The real thing that LLMs do that is bad for learning is that you don’t need to ask it the right question to find your answer. This is good if you already know the subject but if you don’t know the subject you’re not getting that reinforcement in your short term memory and you will find things you learned through LLMs are not retained as long as if you did more of it yourself.
nyrikki
8 hours ago
It is a bit more complicated, as it can be harmful for experts also, and the more reliable it gets the more problematic it becomes.
Humans suffer from automation bias and other cognitive biases.
Anything that causes disengagement from a process can be challenging, especially with long term maintainability and architectural erosion, which is mostly what I actively search for to try and avoid complacency with these tools.
But it takes active effort to avoid for all humans.
IMHO, writing the actual code has always been less of an issue than focusing on domain needs, details, and maintainability.
As distrusting automation is unfortunately one of the best methods of fighting automation bias I do try to balance encouraging junior individuals to use tools that boost productivity while making sure they still maintain ownership of the delivered product.
If you use the red-green refactor method, avoiding generative tools for the test and refactor steps seems to work.

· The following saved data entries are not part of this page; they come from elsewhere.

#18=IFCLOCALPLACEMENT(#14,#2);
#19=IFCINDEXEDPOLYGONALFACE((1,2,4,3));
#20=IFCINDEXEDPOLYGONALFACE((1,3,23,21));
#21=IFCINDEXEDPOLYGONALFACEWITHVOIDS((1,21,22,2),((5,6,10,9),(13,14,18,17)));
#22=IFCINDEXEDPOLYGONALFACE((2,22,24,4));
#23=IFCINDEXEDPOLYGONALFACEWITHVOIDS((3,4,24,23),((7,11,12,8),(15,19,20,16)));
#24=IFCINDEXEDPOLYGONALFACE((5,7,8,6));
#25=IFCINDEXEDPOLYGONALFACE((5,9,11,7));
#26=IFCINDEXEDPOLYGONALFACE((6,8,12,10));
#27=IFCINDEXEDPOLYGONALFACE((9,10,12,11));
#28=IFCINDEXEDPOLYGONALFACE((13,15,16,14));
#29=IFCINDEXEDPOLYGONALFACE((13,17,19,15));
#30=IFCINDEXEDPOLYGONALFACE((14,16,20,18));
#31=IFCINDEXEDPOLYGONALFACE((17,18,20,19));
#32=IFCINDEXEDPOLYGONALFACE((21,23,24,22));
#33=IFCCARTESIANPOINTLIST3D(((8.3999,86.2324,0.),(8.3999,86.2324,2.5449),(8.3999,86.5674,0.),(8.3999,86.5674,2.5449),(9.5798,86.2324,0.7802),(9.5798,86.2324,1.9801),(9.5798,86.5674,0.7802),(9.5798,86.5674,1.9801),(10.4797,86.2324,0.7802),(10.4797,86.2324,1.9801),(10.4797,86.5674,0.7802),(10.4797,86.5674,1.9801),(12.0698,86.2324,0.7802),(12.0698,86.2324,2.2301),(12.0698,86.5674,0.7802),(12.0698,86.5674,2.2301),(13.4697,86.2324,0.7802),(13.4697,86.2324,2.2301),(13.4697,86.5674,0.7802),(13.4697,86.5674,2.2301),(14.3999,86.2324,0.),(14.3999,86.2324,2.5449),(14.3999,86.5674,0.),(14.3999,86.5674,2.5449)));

But selling TDD in general can be challenging especially with Holmström's theorem, and the tendency of people to write implementation tests vs focusing on domain needs.

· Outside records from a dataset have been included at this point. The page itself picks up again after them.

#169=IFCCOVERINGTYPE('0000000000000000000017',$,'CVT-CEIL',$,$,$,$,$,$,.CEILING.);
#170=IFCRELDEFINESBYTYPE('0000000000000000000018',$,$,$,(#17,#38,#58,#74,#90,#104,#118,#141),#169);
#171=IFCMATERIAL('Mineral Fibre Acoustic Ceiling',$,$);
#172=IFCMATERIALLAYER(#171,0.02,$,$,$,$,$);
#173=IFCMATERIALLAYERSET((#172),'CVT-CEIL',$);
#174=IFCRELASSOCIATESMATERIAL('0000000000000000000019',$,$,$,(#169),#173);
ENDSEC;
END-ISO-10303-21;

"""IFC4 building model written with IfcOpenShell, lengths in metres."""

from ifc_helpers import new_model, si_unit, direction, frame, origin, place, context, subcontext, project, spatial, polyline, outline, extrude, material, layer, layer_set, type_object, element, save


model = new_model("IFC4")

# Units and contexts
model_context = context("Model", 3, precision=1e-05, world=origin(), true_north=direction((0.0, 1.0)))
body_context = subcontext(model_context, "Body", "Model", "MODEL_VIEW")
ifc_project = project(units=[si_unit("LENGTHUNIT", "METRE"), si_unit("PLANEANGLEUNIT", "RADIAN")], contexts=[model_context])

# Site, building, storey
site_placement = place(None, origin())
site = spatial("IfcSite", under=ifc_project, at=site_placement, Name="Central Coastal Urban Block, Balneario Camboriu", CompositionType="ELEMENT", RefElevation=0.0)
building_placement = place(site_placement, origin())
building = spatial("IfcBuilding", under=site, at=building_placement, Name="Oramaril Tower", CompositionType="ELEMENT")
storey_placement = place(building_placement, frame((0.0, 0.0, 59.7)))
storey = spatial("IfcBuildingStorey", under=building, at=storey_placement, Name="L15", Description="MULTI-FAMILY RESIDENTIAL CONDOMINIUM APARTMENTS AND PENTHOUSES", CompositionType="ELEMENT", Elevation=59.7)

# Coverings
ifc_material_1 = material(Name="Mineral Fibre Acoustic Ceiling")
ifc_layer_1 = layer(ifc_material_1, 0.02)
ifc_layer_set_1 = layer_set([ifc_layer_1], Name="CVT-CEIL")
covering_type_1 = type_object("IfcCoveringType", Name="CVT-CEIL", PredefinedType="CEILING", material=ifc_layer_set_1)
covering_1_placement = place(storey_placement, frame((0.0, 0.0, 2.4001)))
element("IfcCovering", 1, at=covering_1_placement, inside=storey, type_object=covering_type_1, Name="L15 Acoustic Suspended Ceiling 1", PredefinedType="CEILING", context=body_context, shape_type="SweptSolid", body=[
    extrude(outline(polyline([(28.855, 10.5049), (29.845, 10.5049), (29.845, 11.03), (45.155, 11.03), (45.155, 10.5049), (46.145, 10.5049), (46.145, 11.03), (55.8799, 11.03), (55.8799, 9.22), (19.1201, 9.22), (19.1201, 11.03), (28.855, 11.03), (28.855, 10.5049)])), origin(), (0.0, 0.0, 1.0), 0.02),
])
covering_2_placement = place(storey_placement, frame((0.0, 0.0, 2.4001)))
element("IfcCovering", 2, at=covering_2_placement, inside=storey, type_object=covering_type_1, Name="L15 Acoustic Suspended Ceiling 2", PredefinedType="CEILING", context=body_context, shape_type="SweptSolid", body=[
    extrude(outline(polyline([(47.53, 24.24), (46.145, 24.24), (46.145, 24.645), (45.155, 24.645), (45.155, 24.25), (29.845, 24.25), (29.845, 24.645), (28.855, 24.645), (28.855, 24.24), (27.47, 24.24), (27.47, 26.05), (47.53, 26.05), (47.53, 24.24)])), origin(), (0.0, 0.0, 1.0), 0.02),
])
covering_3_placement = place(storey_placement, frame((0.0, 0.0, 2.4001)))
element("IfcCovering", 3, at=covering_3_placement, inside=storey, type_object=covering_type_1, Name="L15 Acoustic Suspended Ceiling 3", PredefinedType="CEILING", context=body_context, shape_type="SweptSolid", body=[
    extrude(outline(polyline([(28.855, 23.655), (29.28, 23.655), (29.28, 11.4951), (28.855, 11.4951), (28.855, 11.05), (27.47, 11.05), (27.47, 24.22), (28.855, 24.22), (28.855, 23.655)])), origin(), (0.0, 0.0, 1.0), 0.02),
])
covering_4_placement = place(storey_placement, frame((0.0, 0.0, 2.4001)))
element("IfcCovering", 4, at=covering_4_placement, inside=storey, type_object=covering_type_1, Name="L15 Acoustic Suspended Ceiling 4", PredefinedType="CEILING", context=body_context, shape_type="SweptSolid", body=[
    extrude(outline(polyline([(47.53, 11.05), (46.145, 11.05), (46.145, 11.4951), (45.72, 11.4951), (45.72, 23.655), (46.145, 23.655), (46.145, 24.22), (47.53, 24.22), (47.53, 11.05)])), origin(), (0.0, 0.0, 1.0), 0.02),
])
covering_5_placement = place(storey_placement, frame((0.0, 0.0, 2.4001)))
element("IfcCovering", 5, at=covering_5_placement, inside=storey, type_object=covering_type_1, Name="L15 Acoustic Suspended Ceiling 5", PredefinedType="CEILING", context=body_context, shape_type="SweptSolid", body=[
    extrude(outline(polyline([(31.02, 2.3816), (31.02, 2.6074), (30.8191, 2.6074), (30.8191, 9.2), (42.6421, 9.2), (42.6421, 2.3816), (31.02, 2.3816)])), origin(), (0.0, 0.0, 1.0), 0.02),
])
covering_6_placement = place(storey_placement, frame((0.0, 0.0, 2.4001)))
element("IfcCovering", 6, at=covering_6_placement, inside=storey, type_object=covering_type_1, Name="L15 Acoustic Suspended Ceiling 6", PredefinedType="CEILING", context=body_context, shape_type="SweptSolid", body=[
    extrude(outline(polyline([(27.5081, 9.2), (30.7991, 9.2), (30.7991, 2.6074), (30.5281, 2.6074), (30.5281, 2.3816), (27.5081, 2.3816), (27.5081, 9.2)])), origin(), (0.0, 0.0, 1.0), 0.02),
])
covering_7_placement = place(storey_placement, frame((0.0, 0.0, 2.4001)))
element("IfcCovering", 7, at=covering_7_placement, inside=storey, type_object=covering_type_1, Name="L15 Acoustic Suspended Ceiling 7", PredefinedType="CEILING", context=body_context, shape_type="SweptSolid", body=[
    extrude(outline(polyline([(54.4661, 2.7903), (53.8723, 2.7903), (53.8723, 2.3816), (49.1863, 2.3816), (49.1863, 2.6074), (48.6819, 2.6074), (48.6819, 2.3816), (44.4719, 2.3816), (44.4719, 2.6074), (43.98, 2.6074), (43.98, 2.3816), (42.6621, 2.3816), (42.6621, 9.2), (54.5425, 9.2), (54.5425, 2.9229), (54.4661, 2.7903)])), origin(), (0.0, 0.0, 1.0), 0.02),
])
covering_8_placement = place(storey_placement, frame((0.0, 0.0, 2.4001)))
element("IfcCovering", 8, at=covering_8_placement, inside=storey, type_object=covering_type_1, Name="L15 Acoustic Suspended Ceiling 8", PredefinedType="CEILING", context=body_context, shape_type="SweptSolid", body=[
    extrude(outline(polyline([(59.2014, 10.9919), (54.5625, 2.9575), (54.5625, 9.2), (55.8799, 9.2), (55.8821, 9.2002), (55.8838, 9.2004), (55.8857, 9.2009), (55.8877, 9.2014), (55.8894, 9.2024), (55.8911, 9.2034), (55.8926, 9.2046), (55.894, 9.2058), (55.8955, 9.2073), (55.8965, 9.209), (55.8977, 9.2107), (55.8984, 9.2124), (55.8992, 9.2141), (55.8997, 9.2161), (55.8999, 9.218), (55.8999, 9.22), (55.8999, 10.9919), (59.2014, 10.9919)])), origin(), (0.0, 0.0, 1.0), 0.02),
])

It is a bit of a paradox that the better the tools become, the higher the risk is, but I would encourage people to try the above, just don't make the mistake of copying the prompts required to get from red to green as the domain tests, there is a serious risk of coupling to the prompts.
We will see if this works for me long term, but I do think beginners manually refactoring with though could be an accelerator.
But only with intentionally focusing on learning why over time.
faizshah
7 hours ago
I completely reject this way of thinking. I remember when I was starting out it was popular to say you learn less by using an IDE and you should just use a text editor because you never learn how the system works if you rely on a run button or debug button or a WYSIWYG editor.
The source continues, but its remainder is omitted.